An interesting hypothesis.
But as a person of the blond type myself, I have a different take on the "story".

The tourists were from the USA and were being a bit loud and crass, as is sometimes the case with their fellow countrymen when travelling abroad.

The blonde waitress was student of mathematics at the nearby University of North Wales in Bangor. A bit of a Rachel Riley* sort of person, who was doing a part-time job to earn a few quid.
When asked the all important question:
"How do you pronounce:"
LlanfairPG.png

The devil made her give the facetious answer...

JimB


* https://en.wikipedia.org/wiki/Rachel_Riley
 

gophert

Active Member
An interesting hypothesis.
But as a person of the blond type myself, I have a different take on the "story".

The tourists were from the USA and were being a bit loud and crass, as is sometimes the case with their fellow countrymen when travelling abroad.

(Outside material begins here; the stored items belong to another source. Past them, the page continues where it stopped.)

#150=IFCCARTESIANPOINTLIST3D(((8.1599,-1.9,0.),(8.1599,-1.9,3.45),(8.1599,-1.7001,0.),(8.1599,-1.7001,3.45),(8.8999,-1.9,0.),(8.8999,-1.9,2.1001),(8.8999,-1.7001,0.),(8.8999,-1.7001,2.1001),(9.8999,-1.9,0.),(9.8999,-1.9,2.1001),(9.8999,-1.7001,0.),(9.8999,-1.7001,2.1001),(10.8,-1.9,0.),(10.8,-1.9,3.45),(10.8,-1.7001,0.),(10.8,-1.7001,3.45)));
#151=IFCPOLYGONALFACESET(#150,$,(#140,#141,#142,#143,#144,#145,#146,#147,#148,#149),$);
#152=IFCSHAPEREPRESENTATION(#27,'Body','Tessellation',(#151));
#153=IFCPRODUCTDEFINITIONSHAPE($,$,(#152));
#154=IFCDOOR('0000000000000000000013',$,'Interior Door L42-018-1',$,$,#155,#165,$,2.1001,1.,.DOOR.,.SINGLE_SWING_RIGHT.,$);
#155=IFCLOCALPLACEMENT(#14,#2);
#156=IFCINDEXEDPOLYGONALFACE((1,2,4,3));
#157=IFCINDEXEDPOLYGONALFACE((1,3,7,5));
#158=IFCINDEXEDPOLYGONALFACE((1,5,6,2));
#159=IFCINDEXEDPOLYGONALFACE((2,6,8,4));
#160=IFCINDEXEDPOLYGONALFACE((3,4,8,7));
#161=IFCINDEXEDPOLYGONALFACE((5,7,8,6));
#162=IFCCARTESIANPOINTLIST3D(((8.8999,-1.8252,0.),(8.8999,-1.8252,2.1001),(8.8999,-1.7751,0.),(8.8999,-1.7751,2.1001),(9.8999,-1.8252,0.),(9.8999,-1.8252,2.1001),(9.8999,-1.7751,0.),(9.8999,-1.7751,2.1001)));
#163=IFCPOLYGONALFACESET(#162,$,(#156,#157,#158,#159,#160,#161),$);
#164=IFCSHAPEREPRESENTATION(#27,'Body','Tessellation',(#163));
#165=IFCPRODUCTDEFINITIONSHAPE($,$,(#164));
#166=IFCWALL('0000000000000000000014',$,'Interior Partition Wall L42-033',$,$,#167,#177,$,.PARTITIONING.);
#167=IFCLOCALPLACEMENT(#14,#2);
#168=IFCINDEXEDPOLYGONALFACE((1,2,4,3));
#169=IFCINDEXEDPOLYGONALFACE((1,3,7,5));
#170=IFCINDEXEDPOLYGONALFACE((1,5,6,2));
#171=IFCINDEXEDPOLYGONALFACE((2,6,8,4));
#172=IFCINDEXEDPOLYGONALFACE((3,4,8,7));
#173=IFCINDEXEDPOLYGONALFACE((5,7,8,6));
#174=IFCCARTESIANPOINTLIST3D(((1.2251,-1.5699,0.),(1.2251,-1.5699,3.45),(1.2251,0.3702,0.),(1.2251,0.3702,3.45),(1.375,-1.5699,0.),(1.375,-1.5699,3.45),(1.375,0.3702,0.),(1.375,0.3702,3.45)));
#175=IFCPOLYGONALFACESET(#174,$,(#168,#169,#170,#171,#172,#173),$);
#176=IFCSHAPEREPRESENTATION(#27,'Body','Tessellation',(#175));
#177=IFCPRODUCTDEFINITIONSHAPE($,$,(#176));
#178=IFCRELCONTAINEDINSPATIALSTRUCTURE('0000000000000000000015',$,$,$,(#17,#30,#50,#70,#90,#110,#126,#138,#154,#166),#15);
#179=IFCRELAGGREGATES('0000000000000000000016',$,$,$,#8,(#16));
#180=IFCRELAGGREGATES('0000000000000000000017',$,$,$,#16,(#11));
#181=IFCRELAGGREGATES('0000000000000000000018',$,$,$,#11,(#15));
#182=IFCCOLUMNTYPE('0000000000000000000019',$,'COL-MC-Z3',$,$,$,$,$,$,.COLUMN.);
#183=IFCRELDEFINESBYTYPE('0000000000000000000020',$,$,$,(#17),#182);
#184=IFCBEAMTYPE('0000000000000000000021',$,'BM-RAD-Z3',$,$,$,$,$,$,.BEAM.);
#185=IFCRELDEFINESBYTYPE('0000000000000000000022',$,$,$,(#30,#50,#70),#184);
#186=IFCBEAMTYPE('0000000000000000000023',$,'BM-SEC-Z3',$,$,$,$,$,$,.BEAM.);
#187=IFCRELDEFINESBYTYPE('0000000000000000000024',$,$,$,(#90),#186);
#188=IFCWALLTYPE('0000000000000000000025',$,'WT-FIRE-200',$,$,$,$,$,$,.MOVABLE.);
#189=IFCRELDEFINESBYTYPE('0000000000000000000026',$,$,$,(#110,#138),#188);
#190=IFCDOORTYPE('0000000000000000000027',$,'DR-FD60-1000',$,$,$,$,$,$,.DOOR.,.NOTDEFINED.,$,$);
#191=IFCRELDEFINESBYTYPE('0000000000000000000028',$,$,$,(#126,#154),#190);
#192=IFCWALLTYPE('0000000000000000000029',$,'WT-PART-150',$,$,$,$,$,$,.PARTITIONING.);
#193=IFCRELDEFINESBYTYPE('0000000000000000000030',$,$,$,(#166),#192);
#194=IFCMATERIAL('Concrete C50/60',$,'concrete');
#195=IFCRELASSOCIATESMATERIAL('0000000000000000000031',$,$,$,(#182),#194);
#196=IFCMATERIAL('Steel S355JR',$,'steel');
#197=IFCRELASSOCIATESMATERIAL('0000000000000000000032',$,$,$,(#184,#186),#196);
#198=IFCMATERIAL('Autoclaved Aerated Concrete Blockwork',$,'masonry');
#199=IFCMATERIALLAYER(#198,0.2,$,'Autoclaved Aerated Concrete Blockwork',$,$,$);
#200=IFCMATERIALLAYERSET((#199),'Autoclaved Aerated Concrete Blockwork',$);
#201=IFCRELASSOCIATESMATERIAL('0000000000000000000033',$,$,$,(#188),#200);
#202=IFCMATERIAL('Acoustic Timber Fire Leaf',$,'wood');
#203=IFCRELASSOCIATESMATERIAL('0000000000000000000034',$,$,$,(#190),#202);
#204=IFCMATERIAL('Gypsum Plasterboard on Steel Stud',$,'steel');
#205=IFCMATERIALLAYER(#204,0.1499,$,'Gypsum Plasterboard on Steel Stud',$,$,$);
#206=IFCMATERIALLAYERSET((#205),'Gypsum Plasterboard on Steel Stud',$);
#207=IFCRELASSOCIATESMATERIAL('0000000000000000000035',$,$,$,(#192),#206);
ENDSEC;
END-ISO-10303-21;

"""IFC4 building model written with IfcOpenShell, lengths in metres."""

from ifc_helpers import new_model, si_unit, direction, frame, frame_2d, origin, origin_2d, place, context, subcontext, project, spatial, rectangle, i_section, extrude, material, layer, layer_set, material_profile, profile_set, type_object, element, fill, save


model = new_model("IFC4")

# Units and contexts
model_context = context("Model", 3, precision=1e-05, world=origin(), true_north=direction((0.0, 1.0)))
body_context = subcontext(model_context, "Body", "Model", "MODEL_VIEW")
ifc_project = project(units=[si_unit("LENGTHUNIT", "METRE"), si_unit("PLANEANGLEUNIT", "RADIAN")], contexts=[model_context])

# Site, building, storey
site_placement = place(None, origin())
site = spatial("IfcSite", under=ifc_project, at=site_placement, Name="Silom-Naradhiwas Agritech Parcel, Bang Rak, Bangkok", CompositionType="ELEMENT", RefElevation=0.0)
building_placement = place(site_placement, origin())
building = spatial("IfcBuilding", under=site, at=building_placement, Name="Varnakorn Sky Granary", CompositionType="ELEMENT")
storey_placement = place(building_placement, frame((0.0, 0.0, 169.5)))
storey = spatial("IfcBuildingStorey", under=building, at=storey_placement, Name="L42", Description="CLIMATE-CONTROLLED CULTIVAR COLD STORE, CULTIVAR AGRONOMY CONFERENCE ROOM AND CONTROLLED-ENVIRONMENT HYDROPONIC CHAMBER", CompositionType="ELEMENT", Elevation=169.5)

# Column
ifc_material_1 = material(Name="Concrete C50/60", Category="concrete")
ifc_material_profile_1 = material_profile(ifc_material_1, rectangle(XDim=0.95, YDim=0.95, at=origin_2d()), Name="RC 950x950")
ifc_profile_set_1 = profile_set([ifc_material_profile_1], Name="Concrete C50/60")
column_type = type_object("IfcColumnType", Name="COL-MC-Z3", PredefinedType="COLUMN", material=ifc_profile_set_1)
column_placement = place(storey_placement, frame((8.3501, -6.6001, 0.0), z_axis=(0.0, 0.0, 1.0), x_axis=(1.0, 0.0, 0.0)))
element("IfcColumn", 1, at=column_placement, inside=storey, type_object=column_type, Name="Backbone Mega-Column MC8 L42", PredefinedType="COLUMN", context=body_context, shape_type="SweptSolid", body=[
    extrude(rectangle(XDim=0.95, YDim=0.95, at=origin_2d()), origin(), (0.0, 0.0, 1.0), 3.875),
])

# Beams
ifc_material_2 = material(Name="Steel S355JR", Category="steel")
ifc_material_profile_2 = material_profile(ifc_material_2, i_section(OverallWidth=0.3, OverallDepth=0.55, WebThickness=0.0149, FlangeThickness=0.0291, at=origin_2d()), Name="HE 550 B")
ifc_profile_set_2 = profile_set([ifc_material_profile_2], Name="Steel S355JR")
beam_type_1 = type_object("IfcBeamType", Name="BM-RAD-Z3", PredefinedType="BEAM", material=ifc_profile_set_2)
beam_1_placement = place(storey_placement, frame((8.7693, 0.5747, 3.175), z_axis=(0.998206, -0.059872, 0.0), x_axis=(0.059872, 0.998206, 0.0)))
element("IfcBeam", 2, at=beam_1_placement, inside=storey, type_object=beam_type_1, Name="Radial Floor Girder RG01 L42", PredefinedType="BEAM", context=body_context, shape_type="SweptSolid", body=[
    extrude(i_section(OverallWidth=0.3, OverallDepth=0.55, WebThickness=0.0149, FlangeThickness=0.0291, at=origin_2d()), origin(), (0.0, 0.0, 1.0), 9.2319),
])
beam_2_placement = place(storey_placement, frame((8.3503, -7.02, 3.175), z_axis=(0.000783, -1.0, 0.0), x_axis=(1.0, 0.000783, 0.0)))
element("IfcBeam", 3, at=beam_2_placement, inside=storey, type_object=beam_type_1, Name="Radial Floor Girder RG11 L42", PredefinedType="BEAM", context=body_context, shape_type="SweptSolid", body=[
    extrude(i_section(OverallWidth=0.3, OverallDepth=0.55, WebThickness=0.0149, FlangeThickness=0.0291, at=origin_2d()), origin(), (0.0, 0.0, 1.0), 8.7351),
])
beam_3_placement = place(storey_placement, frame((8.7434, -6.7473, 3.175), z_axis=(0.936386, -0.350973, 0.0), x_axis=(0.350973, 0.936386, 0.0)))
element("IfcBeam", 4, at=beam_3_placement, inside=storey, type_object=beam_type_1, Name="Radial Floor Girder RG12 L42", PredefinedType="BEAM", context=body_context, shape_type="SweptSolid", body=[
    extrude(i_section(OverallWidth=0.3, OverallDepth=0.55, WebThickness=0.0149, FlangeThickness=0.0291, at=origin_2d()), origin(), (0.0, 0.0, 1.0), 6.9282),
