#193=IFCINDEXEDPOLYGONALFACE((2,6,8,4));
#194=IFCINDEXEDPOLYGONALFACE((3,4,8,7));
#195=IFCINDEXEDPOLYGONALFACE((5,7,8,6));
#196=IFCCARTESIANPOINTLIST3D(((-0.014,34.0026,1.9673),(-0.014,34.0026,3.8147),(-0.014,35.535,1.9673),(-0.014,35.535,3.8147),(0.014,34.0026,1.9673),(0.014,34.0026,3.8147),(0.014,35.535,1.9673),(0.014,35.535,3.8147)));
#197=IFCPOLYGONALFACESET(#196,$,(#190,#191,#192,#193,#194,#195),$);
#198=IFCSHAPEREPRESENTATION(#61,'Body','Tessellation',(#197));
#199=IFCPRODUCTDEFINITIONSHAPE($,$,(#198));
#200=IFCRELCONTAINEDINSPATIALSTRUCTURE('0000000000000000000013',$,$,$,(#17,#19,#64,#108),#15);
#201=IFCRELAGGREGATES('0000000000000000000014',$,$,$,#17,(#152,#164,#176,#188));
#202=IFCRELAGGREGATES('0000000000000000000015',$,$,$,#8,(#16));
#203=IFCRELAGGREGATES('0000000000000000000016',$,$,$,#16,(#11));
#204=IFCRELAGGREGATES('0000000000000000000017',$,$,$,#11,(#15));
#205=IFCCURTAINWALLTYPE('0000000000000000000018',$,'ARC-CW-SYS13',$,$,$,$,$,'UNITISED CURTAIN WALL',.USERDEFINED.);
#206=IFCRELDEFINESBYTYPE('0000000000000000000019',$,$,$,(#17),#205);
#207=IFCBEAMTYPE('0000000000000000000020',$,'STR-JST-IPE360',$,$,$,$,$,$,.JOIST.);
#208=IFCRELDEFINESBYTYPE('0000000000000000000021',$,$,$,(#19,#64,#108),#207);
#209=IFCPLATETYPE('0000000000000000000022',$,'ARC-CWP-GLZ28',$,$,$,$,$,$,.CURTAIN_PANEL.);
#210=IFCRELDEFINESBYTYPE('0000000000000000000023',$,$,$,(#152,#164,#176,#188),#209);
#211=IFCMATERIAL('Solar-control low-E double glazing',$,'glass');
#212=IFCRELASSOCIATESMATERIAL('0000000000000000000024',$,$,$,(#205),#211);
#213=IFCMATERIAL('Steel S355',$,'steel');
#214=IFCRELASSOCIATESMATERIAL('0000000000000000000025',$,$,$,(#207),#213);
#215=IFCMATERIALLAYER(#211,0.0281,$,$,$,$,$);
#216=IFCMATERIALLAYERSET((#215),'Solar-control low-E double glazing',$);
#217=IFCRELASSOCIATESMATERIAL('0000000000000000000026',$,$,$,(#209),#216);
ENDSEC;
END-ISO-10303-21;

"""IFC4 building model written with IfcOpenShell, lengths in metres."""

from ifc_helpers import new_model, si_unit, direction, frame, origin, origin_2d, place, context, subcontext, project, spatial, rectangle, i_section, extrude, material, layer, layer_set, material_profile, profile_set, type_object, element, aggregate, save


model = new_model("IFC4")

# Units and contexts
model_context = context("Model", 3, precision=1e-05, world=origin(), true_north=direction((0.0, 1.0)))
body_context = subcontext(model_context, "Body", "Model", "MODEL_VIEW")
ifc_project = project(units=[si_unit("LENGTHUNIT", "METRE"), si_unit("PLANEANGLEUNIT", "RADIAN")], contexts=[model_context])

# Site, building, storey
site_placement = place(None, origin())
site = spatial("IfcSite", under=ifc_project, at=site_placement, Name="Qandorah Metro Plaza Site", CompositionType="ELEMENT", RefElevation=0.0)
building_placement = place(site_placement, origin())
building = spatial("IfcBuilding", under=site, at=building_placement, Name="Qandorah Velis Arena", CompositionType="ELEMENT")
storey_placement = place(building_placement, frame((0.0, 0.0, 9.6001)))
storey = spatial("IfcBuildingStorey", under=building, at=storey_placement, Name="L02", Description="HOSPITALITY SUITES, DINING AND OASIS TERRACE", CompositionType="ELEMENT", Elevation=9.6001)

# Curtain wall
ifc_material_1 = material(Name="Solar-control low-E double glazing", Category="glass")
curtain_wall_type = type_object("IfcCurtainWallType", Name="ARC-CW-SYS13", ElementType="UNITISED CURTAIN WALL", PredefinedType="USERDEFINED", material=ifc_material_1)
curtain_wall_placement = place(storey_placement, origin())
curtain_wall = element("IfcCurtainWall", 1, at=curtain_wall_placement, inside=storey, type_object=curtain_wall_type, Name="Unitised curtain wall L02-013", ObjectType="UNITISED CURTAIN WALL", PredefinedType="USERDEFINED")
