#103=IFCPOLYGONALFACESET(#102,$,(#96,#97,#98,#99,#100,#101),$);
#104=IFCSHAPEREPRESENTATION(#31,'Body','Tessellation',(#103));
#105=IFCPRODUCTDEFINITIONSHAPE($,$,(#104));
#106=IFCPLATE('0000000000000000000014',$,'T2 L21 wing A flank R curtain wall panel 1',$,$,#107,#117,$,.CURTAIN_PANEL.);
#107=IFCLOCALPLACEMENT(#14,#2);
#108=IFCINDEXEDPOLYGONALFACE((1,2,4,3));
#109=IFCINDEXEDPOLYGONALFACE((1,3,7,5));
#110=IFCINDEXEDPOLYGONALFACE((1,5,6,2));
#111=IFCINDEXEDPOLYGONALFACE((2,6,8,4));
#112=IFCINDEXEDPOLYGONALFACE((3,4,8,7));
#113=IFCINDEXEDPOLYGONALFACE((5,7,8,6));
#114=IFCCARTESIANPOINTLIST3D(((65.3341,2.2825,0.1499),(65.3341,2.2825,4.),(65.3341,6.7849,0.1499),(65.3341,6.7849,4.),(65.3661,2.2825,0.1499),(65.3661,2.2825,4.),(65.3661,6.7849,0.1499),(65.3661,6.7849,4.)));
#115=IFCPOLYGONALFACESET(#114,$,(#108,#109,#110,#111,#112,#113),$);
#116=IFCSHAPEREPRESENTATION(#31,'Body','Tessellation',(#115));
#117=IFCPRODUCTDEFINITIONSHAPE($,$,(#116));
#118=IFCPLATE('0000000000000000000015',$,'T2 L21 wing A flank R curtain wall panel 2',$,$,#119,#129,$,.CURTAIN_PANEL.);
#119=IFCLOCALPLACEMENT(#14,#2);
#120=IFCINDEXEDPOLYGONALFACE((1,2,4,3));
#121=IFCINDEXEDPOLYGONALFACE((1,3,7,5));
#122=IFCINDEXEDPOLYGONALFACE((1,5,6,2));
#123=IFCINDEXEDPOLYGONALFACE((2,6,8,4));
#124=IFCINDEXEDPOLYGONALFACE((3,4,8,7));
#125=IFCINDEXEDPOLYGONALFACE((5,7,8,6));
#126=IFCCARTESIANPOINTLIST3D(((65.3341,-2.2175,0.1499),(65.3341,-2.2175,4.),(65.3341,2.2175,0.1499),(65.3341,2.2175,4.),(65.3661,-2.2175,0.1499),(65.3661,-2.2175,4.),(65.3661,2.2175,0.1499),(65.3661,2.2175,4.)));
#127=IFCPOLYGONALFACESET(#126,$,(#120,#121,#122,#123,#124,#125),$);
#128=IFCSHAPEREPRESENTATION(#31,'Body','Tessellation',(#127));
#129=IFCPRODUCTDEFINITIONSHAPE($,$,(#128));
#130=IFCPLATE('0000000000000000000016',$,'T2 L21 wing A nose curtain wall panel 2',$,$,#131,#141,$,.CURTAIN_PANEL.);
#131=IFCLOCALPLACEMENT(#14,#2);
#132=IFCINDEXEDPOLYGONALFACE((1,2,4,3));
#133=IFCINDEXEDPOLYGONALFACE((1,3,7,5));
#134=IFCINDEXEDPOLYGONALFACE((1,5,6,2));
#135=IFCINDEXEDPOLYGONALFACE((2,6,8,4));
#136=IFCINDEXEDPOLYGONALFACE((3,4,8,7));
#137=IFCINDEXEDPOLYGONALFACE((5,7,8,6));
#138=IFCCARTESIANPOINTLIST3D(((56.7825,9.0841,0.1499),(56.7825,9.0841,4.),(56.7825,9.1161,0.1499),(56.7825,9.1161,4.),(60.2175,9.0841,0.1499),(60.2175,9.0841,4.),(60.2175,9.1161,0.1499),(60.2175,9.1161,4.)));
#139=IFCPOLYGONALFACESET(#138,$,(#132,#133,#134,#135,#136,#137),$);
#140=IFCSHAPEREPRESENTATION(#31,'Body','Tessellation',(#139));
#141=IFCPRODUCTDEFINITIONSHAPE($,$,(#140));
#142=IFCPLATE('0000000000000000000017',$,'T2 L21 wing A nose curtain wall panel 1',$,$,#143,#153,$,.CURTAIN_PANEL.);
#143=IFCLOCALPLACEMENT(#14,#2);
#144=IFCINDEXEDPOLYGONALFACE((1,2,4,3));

The blonde waitress was student of mathematics at the nearby University of North Wales in Bangor. A bit of a Rachel Riley* sort of person, who was doing a part-time job to earn a few quid.
When asked the all important question:
"How do you pronounce:"
View attachment 113510

The devil made her give the facetious answer...

JimB


* https://en.wikipedia.org/wiki/Rachel_Riley

I don't think you found the error in the original story either.
There are No waitresses at Burger Kings - only cashiers.
 

JimB

Super Moderator
Most Helpful Member
There are No waitresses at Burger Kings - only cashiers.
Well, I never would have worked that one out.
I am not sure if I have ever been in a Burger King.
I was once in a place, late at night in the middle of Glasgow, it may have been a BK or a McD, I cannot remember it was many years ago.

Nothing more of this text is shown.